Arief menjelaskan, pada saat ini entitas anak SMRU masih dalam proses restrukturisasi dengan pemegang MTN. Pasalnya kasus tersebut menimbulkan pembatasan pembiayaan atas peremajaan alat-alat berat oleh berbagai lembaga pembiayaan baik bank dan non-bank, serta pembatasan suplai atas komponen dan spare part dari alat-alat berat yang dilakukan oleh supplier.
“Hal ini menyebabkan kemampuan handling pekerjaan penambangan menjadi menurun dan berdampak kepada penurunan pendapatan dan meningkatnya biaya operasional entitas anak mengingat beberapa supplier menerapkan kebijakan cash and carry untuk pembelian komponen dan spare part alat berat,” jelasnya.

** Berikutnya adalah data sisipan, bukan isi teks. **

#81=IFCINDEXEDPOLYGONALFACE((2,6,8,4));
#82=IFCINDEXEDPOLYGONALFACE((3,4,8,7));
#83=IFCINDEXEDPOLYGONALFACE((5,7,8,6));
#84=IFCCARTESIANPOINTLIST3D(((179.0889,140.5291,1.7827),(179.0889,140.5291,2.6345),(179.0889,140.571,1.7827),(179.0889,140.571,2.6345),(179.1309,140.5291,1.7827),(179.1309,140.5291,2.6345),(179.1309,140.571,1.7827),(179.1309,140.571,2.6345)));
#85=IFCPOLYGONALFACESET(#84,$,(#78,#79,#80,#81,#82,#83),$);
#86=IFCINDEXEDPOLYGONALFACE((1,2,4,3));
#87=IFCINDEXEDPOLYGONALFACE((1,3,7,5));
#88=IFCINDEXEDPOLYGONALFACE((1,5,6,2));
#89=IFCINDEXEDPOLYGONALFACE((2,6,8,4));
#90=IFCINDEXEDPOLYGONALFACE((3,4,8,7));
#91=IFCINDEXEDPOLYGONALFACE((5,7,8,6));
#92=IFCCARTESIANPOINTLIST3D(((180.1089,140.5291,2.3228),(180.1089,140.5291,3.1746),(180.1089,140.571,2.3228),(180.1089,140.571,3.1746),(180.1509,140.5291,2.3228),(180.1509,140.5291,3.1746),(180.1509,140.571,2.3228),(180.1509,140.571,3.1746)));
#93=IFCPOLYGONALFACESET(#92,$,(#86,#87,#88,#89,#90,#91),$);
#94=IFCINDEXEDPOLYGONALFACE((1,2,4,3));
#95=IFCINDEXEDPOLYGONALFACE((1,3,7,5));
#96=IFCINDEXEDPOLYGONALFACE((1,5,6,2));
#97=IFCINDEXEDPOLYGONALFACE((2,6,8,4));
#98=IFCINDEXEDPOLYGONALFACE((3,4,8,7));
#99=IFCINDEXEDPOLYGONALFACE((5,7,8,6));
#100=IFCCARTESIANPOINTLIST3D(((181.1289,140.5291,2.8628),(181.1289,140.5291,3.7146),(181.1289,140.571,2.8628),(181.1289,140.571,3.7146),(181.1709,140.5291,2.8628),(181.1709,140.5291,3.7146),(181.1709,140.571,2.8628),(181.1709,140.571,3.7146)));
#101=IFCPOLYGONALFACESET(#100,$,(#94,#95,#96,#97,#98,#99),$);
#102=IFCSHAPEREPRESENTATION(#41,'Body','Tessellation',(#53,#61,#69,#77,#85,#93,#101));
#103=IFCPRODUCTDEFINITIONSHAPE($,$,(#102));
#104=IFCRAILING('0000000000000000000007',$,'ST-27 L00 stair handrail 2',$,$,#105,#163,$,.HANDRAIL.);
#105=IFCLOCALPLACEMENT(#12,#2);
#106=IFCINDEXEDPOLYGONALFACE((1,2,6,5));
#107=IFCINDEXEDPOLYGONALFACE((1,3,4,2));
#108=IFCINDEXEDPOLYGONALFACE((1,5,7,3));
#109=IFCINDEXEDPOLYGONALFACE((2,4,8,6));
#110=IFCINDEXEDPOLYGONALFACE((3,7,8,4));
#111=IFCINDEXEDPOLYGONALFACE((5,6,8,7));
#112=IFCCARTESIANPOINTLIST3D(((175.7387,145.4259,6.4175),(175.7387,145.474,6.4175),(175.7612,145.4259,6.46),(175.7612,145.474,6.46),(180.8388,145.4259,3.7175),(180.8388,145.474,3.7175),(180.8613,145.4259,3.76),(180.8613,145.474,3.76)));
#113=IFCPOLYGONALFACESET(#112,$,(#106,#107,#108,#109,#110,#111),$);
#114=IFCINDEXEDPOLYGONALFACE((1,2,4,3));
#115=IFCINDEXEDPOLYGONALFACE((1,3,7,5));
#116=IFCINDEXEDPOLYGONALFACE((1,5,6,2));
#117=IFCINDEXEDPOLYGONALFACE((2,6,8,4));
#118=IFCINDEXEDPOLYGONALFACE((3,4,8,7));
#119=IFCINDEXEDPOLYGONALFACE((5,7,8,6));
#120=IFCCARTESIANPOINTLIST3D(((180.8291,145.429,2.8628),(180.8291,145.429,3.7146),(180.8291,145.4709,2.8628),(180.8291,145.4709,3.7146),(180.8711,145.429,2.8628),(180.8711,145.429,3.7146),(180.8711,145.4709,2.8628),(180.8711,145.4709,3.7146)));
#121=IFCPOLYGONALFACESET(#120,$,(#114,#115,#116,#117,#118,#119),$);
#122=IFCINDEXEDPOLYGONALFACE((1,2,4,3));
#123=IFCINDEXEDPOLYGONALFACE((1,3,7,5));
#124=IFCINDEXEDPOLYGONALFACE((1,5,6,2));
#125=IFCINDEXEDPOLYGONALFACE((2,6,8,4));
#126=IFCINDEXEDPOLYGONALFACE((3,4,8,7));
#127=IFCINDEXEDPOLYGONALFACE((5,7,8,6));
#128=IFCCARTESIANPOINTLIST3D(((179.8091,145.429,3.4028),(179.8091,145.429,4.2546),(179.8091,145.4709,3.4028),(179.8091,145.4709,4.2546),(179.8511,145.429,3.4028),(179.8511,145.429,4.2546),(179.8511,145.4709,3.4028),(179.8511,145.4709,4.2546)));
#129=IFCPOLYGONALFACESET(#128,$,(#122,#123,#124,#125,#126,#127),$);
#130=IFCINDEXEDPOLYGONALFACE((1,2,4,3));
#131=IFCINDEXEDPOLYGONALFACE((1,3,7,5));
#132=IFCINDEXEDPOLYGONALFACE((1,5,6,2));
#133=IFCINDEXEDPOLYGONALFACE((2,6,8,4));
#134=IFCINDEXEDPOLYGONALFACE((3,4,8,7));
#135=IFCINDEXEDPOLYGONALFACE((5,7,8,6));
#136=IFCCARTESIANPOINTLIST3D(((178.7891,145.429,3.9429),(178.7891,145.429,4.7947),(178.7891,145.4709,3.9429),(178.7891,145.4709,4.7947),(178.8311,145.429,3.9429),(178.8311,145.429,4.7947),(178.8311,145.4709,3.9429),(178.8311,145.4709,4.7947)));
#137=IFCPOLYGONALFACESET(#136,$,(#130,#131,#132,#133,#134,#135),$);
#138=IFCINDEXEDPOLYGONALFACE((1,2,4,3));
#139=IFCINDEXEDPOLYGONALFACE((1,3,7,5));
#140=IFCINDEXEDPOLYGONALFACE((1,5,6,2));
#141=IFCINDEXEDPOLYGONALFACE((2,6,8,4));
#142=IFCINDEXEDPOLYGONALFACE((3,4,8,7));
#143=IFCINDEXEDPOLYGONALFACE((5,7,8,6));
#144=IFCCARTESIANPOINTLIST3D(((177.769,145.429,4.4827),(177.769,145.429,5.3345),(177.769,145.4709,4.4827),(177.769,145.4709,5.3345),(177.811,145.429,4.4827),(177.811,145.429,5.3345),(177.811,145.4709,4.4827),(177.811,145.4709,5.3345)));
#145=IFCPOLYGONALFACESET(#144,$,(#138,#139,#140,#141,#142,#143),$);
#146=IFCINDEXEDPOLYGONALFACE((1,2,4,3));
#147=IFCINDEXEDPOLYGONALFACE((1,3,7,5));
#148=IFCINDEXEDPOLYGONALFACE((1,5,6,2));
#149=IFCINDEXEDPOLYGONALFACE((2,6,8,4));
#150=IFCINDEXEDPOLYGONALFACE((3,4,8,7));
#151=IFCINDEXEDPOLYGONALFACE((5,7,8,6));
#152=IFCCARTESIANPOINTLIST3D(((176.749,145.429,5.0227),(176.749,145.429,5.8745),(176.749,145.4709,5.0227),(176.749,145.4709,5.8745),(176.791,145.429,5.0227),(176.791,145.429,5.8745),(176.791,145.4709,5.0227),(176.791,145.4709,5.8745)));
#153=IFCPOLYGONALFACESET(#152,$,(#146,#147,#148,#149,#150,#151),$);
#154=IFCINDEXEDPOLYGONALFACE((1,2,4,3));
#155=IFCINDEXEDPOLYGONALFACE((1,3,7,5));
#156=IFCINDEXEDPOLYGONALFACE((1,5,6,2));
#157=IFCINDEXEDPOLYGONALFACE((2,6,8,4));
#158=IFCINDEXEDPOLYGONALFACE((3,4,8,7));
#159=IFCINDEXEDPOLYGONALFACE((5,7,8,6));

Selain itu, pandemi Covid-19 pada 2020 juga menjadi penyebab, di mana pada kuartal III/2020 harga batu bara menyentuh level terendahnya jika dibandingkan dengan pada 2019 karena permintaan yang turun baik ekspor dan domestik sebagai akibat dari penerapan kebijakan lockdown
Kemudian, pada awal 2021, harga batu bara mulai beranjak naik hingga mencapai level tertinggi sepanjang masa pada September 2022. Peningkatan harga batu bara tersebut berdampak pada peningkatan harga komoditas lainnya seperti besi, karet dan bahan peledak sehingga mengakibatkan meningkatnya biaya operasional entitas anak.

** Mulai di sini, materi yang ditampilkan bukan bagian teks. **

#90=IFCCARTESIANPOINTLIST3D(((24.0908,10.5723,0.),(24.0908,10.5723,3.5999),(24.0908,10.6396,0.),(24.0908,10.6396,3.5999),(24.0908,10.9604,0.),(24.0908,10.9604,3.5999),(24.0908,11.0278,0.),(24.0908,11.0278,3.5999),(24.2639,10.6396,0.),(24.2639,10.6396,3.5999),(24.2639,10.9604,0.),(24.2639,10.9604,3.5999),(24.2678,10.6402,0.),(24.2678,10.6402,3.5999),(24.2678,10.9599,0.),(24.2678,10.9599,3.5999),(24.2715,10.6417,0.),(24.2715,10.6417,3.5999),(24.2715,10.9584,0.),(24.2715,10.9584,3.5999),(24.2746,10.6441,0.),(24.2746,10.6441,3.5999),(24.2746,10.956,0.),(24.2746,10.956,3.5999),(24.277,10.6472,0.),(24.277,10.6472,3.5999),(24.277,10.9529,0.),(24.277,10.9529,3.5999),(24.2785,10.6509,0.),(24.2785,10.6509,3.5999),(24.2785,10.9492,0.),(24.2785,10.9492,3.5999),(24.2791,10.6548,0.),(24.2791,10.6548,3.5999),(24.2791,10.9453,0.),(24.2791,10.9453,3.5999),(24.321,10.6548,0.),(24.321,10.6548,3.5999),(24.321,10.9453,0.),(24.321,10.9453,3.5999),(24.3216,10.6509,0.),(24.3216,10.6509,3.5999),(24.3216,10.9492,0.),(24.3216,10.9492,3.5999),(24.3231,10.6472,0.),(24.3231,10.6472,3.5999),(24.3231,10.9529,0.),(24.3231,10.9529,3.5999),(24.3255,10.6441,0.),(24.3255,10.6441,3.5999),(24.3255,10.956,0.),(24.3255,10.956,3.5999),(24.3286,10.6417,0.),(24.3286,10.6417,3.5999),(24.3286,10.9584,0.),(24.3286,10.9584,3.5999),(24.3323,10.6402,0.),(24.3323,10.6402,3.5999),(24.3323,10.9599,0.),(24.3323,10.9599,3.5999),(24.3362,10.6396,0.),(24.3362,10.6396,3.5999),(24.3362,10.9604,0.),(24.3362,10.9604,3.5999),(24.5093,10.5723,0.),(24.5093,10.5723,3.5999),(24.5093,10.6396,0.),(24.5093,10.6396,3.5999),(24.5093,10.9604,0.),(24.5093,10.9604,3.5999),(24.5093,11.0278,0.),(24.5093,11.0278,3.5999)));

“Hal ini sangat menggangu working capital dari entitas anak SMRU mengingat tarif pekerjaan penambangan pada kontrak kerja entitas anak Perseroan dan pemilik tambang di tanda tangani jauh sebelum terjadi peningkatan harga batu bara yang signifkan,” ungkap Arief.
Sejumlah Izin Usaha Penambangan (IUP) entitas anak SMRU seperti PT Delta Samudra dan PT Gunung Bara Utama juga dicabut, dan entitas anak masih menanggung beban operasional atas para pekerja yang dirumahkan.
“Skema restrukturisasi yang diajukan oleh entitas anak perseroan kepada pemegang MTN adalah perpanjangan waktu jatuh tempo dan penurunan tingkat suku bunga. Hambatan yang dihadapi perseroan untuk merealisasikan rencana restrukturisasi tersebut adalah ketercapaian target-target produksi yang diasumsikan dan realisasi atas belanja modal guna menunjang ketercapaian produksi tersebut,” paparnya.
Adapun, peningkatan kewajiban lancar entitas anak SMRU per 31 Desember 2022 berdampak pada semakin sulitnya entitas anak untuk memperoleh pembiayaan atas peremajaan alat-alat beratnya.